Twenty-two fresh surgical specimens, obtained from patients with ductal breast carcinoma who underwent quadrantectomy or mastectomy, were collected for the study (Table S1). Normal and tumor samples were processed as previously described [9], [12]. Briefly, tissues were placed in sterile Epicult (Voden Medical), minced with sterile scalpels, and incubated for 6–12 h in the presence of 1000 U Collagenase/Hyaluronidase enzyme mix (Voden Medical). Samples were centrifuged at 80×g, and the pellet was digested by Dispase and DNAse (Voden Medical), and then pelleted at 450×g.

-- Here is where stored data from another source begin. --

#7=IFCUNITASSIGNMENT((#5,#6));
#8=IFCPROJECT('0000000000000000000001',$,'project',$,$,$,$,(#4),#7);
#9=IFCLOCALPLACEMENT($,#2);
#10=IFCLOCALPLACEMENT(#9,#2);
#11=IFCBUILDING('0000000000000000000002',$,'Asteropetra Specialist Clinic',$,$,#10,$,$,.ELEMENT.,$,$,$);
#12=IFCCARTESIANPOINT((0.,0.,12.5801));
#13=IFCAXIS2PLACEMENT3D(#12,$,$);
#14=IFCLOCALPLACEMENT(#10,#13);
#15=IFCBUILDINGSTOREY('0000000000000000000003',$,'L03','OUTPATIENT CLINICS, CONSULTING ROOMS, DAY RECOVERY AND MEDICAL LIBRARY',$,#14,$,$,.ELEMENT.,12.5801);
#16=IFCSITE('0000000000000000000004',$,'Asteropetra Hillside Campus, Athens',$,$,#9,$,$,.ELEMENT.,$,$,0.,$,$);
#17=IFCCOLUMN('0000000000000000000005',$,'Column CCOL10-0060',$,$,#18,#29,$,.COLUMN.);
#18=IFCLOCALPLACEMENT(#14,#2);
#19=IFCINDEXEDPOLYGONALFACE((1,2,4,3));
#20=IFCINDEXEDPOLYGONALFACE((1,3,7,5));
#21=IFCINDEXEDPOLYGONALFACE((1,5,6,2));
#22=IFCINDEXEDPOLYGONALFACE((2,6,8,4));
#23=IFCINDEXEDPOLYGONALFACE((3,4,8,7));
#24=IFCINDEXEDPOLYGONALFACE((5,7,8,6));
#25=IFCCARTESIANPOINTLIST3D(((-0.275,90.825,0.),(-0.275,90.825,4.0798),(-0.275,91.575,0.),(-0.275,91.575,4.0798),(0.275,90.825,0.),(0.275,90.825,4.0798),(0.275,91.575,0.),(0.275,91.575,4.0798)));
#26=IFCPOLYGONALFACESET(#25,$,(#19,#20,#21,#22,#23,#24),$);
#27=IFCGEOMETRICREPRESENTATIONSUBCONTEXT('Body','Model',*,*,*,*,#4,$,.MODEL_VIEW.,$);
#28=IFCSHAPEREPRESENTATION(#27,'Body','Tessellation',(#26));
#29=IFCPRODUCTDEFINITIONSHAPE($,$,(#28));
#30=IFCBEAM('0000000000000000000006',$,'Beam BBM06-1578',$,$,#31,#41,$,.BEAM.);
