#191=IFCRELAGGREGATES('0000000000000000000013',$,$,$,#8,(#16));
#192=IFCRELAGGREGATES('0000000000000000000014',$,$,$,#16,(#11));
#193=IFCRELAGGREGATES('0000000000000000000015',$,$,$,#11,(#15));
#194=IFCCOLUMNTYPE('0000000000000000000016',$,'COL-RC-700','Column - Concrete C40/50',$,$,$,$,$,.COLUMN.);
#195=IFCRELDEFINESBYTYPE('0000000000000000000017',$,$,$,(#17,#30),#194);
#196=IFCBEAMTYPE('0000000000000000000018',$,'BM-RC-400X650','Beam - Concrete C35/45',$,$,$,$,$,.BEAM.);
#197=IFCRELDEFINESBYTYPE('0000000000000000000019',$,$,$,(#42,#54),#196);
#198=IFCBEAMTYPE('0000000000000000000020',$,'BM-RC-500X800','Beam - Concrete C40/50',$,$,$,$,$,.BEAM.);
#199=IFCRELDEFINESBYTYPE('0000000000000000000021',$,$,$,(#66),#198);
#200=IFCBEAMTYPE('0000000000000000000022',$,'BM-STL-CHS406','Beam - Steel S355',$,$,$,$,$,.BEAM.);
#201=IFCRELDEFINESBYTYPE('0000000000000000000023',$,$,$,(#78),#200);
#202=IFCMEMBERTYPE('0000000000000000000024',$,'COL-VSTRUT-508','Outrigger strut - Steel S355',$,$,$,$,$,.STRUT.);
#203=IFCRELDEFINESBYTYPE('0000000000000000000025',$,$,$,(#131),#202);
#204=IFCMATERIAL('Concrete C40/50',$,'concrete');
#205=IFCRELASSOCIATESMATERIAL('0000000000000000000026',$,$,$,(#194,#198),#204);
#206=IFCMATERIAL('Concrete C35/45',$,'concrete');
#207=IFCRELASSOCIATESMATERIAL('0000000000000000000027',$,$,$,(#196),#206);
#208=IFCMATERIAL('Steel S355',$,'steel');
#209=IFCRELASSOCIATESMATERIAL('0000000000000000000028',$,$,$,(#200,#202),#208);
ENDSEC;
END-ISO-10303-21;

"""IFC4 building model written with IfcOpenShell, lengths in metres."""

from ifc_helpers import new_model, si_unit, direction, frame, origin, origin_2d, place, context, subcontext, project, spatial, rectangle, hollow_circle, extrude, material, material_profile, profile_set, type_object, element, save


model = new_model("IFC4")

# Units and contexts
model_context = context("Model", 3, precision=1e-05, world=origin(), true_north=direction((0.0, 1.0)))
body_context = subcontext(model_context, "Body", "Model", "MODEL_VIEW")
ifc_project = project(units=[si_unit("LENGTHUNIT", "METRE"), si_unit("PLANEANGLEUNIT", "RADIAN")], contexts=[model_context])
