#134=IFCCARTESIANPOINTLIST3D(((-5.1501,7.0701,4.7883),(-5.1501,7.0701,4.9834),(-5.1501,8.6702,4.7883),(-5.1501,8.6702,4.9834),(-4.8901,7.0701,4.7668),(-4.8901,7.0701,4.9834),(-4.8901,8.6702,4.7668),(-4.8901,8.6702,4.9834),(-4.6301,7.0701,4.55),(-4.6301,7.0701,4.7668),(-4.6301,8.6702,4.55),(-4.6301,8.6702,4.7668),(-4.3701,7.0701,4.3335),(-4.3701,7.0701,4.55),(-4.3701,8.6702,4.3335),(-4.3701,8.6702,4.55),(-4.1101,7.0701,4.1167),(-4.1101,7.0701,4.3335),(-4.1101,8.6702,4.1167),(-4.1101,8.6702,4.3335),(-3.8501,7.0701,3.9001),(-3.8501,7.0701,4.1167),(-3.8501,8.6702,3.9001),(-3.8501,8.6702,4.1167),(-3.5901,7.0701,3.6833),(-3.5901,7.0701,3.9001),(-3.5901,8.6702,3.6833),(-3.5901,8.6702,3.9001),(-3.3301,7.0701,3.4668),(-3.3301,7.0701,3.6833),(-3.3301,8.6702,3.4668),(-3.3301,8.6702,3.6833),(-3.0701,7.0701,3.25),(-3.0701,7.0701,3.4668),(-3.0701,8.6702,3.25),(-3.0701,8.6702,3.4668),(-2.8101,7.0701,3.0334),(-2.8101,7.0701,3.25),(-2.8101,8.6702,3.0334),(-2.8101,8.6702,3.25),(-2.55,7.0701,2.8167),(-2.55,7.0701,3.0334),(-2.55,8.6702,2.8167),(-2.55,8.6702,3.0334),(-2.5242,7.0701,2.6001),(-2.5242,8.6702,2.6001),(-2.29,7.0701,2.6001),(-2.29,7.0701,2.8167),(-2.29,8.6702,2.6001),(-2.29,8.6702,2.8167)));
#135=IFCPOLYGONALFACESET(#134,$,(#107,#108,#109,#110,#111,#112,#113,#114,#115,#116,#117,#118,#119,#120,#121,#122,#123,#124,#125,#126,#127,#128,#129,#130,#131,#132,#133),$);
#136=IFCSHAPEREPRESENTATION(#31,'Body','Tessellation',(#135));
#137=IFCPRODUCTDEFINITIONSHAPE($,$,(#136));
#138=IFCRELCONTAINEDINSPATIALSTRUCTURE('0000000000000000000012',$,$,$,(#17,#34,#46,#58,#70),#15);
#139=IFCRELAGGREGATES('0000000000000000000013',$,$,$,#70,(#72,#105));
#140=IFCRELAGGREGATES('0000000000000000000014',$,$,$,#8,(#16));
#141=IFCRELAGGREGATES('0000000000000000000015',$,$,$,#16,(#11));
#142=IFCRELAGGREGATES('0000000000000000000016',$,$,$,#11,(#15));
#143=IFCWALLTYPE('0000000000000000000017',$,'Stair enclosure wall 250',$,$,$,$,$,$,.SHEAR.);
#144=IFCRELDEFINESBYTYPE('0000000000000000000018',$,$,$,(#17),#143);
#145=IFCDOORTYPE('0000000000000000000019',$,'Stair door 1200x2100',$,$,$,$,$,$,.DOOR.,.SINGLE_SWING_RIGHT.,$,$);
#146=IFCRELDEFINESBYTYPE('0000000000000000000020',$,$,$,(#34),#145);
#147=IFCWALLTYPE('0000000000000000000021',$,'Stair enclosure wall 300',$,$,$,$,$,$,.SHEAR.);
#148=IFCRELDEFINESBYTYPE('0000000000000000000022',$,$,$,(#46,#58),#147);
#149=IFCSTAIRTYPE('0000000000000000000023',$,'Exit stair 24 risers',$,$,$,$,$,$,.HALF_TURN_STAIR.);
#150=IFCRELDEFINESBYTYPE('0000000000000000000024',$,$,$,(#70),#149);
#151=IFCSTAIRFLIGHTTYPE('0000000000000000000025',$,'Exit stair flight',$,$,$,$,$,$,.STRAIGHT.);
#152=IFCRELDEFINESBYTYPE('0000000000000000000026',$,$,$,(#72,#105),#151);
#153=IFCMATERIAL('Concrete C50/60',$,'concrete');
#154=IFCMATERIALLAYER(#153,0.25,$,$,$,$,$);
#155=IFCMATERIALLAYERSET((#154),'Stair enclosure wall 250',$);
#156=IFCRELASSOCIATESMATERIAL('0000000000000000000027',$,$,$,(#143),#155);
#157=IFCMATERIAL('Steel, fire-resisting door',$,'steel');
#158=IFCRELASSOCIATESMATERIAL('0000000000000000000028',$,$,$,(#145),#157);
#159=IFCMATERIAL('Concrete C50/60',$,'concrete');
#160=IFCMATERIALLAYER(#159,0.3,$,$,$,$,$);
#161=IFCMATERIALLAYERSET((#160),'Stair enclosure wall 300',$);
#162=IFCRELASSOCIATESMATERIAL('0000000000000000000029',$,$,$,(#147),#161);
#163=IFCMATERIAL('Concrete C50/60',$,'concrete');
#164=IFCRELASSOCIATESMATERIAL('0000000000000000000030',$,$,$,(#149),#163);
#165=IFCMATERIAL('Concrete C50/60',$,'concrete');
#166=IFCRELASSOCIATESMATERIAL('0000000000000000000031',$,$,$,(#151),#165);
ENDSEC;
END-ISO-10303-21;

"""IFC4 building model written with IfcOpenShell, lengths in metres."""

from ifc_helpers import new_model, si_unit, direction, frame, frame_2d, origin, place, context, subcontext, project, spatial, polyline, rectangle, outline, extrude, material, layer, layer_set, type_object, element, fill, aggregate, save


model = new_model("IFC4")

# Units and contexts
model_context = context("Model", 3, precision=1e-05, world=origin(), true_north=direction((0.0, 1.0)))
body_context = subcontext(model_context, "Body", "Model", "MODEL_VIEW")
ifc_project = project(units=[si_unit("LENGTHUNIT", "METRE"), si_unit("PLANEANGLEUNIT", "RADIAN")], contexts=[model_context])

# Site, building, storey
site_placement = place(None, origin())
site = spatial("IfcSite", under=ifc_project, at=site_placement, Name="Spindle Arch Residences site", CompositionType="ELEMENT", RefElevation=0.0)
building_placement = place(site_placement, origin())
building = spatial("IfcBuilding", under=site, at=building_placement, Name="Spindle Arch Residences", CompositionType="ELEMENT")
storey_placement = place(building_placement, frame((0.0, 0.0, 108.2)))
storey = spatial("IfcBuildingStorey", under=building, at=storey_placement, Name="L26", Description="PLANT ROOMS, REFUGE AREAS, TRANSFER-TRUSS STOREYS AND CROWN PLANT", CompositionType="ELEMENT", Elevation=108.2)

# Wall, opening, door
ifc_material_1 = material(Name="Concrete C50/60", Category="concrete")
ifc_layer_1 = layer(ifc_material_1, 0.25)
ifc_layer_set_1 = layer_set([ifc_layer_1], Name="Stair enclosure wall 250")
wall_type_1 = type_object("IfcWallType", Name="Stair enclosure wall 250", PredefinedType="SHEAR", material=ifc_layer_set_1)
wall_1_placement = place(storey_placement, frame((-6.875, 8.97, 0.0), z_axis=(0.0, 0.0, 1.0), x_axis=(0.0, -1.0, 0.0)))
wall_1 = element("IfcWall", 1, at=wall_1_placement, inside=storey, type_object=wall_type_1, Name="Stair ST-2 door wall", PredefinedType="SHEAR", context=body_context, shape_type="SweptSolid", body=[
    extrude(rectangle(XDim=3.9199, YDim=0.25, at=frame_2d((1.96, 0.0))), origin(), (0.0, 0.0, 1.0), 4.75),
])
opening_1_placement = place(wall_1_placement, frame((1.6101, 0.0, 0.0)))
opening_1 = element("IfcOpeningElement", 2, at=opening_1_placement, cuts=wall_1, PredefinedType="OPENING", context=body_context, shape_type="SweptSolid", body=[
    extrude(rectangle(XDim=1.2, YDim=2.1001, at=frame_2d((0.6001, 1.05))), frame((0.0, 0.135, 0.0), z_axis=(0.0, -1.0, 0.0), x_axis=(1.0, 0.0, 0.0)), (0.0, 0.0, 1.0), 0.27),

Pellets were re-suspended, filtered through a 40-µM nylon mesh (Voden Medical), and plated into 3-cm2-well low attachment plates (Corning, NY, USA), filled with 3 ml MEGM, supplemented with B27, 10 ng/ml EGF, 10 ng/ml bFGF, 10 µg/ml insulin, 10−6 M hydrocortisone (Voden Medical). Primary MS started forming after 4–6 days and were processed at day 14. Self renewal of MS was tested by assessing the capacity of primary MS to generate secondary MS after trypsin disaggregation. Transfection in primary T-MS was performed by mixing 1 µg of each expression vector or siRNA with in vitro JET-PEI reagent (Poly-plus transfection, USA). The procedure was approved by the local ethical committee of Center for Applied Biomedical Research, St. Orsola-Malpighi University Hospital (Bologna, Italy) (Prot n.75/2011) and by the patients’ written informed consent.

Isolation of Fibroblasts from Normal and Tumour Breast Tissues and Collection of the Fibroblasts Supernatant

Fibroblasts were collected by centrifuging the Collagenase/Hyaluronidase digested tissue lysates used for MS generation at 500×g for 5 min (see above). The fibroblasts containing pellet was re-suspended and cultured in DMEM medium with 20% fetal bovine serum (FBS, Euroclone, Milan, Italy), penicillin-streptomycin and glutamine (Sigma), in 6-well plates. When the fibroblasts reached confluence, medium was discarded and replaced with fresh medium, containing DMEM+FBS 0.5% (1.5 mL/well), for 24 h. Supernatants were then collected, centrifuged for 5 min at 105×g to remove debris and conserved at −80°C. For the experimental setting supernatants were diluted in MS medium (MEGM) at the final concentration of 10%, and already formed MS were exposed for 24–72 h.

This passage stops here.